An early sound presentation of bishops is found in Luis Bunuel’s avant-garde, L’ Age d’Or, co-written with Salvador Dali. Two lovers declare an attack on bourgeois French society; they are central but the film has all kinds of different episodes. A critique of contemporary society, including the Catholic Church, it culminates with a provocative tale:
The final vignette is an allusion to the Marquis de Sade's novel 120 Days of Sodom; the intertitle reads: 120 Days of Depraved Acts, about an orgy in a castle, wherein the surviving orgiasts are ready to emerge to the light of mainstream society. From the castle door emerges the bearded and berobed Duc de Blangis (a character from de Sade’s novel) who greatly resembles Jesus, the Christ, who comforts a young woman who has run out from the castle, before he takes her back inside. Afterwards, a woman’s scream is heard, and only the Duc re-emerges; and he is beardless. The concluding image is a crucifix festooned with the scalps of women; to the accompaniment of jovial music, the scalps sway in the wind. (Wikipedia comment.)
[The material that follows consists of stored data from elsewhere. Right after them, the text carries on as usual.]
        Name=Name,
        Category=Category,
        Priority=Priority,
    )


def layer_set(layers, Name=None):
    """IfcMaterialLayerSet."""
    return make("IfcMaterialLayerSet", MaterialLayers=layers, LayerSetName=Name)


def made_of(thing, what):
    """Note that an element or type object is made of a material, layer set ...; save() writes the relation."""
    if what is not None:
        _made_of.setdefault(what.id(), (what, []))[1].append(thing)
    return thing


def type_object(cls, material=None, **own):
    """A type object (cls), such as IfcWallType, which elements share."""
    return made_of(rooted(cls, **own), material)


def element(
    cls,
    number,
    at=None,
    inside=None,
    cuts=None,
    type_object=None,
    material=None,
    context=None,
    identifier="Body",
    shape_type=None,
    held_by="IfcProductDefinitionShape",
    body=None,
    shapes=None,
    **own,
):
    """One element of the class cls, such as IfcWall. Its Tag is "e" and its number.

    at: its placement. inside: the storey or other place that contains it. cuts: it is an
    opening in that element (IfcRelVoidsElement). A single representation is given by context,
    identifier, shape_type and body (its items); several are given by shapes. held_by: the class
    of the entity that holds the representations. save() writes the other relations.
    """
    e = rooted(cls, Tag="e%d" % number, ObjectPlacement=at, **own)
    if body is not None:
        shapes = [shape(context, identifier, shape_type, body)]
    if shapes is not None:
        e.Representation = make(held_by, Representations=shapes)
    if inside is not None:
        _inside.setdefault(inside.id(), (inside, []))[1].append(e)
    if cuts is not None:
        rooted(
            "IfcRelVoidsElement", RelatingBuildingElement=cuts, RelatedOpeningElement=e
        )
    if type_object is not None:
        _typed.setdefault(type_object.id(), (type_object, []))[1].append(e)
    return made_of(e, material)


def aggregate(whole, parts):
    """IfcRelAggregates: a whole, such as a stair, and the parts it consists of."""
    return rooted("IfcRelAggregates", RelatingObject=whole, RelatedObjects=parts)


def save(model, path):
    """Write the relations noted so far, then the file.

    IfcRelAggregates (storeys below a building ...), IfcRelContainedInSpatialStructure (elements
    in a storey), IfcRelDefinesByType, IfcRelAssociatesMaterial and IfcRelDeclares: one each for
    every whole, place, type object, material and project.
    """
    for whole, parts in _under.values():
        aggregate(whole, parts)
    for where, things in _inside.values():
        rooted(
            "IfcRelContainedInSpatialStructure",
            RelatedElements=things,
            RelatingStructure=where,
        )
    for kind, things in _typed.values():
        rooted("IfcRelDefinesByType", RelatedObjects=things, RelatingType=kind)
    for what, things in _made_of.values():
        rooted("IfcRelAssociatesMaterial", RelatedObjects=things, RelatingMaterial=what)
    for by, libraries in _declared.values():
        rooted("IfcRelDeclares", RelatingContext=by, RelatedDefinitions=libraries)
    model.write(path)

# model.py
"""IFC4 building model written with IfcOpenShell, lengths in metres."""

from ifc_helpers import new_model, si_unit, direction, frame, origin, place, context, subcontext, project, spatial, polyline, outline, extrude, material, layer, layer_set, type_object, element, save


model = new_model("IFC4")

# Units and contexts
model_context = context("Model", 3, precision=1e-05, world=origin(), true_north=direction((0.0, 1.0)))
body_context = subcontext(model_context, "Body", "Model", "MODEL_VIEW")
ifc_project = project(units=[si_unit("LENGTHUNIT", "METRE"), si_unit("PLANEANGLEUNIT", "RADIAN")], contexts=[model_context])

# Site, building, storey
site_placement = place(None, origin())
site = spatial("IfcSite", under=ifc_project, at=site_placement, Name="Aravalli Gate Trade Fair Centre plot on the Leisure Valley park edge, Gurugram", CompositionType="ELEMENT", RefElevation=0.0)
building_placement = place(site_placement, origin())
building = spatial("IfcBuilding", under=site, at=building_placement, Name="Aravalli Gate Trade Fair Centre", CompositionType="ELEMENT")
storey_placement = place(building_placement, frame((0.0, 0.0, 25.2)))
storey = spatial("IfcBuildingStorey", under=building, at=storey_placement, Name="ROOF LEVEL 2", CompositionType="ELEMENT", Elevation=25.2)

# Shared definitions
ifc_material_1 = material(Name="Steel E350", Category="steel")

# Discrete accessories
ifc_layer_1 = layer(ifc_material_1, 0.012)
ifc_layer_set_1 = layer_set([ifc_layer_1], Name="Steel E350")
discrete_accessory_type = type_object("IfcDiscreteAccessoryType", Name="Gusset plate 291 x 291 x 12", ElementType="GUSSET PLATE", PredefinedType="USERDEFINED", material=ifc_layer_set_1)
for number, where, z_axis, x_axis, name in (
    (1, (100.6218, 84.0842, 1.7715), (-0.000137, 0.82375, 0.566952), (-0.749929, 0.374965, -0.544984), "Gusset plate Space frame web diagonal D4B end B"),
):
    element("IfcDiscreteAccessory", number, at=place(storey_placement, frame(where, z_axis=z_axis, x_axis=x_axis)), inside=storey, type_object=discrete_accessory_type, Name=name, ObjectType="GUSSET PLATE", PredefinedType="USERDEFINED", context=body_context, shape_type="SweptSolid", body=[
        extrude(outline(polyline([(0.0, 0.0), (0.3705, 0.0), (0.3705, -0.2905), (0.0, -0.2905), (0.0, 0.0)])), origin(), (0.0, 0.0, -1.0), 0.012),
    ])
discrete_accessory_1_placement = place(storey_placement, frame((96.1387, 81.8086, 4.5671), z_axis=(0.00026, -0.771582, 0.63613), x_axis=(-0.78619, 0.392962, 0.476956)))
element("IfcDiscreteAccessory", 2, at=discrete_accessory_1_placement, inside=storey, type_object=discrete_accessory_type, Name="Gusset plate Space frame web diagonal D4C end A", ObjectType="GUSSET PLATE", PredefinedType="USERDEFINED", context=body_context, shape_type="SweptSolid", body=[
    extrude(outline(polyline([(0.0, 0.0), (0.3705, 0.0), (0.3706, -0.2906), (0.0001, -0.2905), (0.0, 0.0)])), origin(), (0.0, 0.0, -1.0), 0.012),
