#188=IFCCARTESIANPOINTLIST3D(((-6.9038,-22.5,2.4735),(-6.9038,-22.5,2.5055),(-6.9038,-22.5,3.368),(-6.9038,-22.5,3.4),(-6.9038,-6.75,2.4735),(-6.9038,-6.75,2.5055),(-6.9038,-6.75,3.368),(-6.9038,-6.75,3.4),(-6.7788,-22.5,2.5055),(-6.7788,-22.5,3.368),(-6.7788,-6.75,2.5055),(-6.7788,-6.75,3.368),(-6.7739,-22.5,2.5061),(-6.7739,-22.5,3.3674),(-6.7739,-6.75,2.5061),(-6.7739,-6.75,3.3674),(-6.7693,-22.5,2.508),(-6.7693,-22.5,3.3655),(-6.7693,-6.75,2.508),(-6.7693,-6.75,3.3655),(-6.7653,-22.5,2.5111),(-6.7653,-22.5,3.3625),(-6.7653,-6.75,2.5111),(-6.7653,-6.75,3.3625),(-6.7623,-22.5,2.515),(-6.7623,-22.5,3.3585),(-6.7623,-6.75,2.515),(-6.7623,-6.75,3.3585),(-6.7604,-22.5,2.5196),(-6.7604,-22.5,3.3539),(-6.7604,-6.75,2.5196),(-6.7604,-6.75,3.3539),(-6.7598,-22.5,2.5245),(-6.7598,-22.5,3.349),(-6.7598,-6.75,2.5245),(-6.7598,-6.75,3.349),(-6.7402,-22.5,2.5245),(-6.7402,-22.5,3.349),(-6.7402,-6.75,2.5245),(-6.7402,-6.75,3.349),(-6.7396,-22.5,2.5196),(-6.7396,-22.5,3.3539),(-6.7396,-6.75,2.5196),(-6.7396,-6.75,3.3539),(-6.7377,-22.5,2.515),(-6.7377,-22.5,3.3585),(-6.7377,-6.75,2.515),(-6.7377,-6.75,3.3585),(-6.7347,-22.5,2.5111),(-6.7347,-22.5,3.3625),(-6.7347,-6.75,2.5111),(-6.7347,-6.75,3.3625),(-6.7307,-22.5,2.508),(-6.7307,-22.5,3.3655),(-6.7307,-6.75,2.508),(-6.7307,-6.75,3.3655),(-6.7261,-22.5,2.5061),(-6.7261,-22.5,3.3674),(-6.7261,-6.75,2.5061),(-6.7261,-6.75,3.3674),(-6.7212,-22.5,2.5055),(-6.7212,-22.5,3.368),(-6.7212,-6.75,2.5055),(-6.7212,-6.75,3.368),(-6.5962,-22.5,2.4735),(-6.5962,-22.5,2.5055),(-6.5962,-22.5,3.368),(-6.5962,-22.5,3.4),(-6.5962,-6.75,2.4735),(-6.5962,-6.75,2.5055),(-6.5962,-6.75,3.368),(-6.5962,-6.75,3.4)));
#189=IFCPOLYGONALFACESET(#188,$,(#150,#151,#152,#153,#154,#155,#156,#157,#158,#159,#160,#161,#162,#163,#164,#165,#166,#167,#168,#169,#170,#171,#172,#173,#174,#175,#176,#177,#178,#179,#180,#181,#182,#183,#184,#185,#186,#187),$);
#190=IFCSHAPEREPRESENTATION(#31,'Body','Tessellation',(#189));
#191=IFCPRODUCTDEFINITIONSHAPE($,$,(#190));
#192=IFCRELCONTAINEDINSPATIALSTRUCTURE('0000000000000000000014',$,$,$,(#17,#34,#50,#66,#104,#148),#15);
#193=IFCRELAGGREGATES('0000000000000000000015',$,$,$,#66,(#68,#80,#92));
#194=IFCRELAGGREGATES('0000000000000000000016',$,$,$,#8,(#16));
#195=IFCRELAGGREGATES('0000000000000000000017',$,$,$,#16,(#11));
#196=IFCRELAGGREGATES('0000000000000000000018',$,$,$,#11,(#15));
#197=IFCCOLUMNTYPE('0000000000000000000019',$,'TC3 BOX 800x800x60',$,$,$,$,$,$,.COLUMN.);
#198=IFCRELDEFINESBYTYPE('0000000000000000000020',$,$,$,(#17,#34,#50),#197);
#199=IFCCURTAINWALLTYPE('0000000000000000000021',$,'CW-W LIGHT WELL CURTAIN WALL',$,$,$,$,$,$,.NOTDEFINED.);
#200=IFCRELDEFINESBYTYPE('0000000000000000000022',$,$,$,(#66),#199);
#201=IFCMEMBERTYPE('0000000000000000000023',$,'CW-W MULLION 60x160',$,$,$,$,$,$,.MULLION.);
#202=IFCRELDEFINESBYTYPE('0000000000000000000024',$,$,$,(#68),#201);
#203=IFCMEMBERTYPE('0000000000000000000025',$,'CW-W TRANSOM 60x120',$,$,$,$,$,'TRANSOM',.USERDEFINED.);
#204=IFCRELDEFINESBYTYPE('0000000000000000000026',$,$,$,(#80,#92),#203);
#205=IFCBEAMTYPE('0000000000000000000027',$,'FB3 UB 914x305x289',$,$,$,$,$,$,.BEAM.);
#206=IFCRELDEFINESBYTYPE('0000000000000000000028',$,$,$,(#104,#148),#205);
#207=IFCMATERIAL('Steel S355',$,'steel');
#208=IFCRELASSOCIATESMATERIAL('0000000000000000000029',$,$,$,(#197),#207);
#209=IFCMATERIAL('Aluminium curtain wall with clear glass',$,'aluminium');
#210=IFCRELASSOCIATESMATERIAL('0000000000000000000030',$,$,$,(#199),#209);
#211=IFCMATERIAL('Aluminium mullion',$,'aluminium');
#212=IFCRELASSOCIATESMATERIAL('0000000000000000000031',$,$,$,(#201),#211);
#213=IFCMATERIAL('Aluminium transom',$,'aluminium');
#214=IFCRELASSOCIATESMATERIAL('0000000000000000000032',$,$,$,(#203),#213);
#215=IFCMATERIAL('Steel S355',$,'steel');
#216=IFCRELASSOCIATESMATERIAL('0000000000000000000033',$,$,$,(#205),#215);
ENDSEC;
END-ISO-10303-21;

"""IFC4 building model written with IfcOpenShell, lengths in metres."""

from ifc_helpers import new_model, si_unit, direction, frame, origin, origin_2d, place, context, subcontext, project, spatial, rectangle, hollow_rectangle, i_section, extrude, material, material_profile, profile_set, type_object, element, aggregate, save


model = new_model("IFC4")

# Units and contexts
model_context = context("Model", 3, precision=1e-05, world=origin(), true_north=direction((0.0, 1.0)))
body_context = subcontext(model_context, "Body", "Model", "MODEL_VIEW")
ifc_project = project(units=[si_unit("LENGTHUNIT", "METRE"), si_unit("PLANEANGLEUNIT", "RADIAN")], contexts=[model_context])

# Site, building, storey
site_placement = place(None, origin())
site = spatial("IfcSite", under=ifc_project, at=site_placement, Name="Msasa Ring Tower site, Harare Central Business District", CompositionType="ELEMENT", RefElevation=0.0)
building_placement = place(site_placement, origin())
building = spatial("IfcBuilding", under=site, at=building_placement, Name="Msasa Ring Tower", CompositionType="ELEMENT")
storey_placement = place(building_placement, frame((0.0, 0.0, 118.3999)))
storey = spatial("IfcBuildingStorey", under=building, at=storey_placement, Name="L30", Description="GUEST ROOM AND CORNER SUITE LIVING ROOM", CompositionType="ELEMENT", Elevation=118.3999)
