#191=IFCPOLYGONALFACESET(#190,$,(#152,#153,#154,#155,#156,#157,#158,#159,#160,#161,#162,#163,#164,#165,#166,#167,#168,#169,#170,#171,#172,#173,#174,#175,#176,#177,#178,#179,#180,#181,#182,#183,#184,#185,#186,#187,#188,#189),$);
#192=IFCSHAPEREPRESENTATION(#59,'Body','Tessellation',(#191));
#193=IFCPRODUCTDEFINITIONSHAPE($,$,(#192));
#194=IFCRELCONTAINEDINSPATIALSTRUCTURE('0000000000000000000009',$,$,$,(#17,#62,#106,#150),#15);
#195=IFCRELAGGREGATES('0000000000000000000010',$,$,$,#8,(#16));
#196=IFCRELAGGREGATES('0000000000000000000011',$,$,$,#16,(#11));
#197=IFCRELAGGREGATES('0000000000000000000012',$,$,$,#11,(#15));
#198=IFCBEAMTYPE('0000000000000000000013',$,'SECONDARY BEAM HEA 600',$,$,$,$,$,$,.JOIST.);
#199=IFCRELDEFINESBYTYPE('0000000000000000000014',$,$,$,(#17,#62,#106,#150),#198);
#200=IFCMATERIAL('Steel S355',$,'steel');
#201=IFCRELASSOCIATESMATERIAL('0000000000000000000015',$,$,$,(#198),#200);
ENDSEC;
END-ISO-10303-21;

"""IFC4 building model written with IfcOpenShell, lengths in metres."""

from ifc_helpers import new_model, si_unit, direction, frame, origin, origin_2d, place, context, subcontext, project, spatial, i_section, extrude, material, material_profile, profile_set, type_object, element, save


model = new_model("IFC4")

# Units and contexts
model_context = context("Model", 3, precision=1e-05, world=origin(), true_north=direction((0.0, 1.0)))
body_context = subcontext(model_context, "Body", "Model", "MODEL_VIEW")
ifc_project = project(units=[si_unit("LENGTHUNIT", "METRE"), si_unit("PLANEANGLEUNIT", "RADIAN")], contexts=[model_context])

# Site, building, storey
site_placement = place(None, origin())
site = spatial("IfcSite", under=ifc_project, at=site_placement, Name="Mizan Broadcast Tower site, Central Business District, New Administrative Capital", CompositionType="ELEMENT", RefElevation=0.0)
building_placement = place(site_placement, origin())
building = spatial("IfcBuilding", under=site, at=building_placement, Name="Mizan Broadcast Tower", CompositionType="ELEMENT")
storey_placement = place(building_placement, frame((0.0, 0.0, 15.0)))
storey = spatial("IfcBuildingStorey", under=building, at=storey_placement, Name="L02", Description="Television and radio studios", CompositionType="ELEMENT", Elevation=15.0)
Buñuel's own synopsis of the clerical section of the film, written in French, in 1930:
Scorpions live in the rocks. Having climbed atop one of these rocks, a bandit sights a group of archbishops, who sing while seated in the mineral landscape. The bandit hurries to announce to his friends the presence of the archbishops. When he gets to his hut, he finds his companions in a strange state of weakness and depression.
They take up their weapons and leave, with the exception of the youngest, who cannot even get up. They set out among the rocks, but one after the other they fall to the ground, unable to go on. Then the leader of the bandits collapses without hope. From where he lies, he hears the sea and sees the archbishops, who are now reduced to skeletons scattered among the stones.
An enormous marine convoy comes ashore at this steep and desolate spot. The convoy consists of priests, soldiers, nuns, ministers, and sundry civil servants. All head toward the place where the remains of the archbishops lie.
Bunuel continued his critique of the Church for many decades.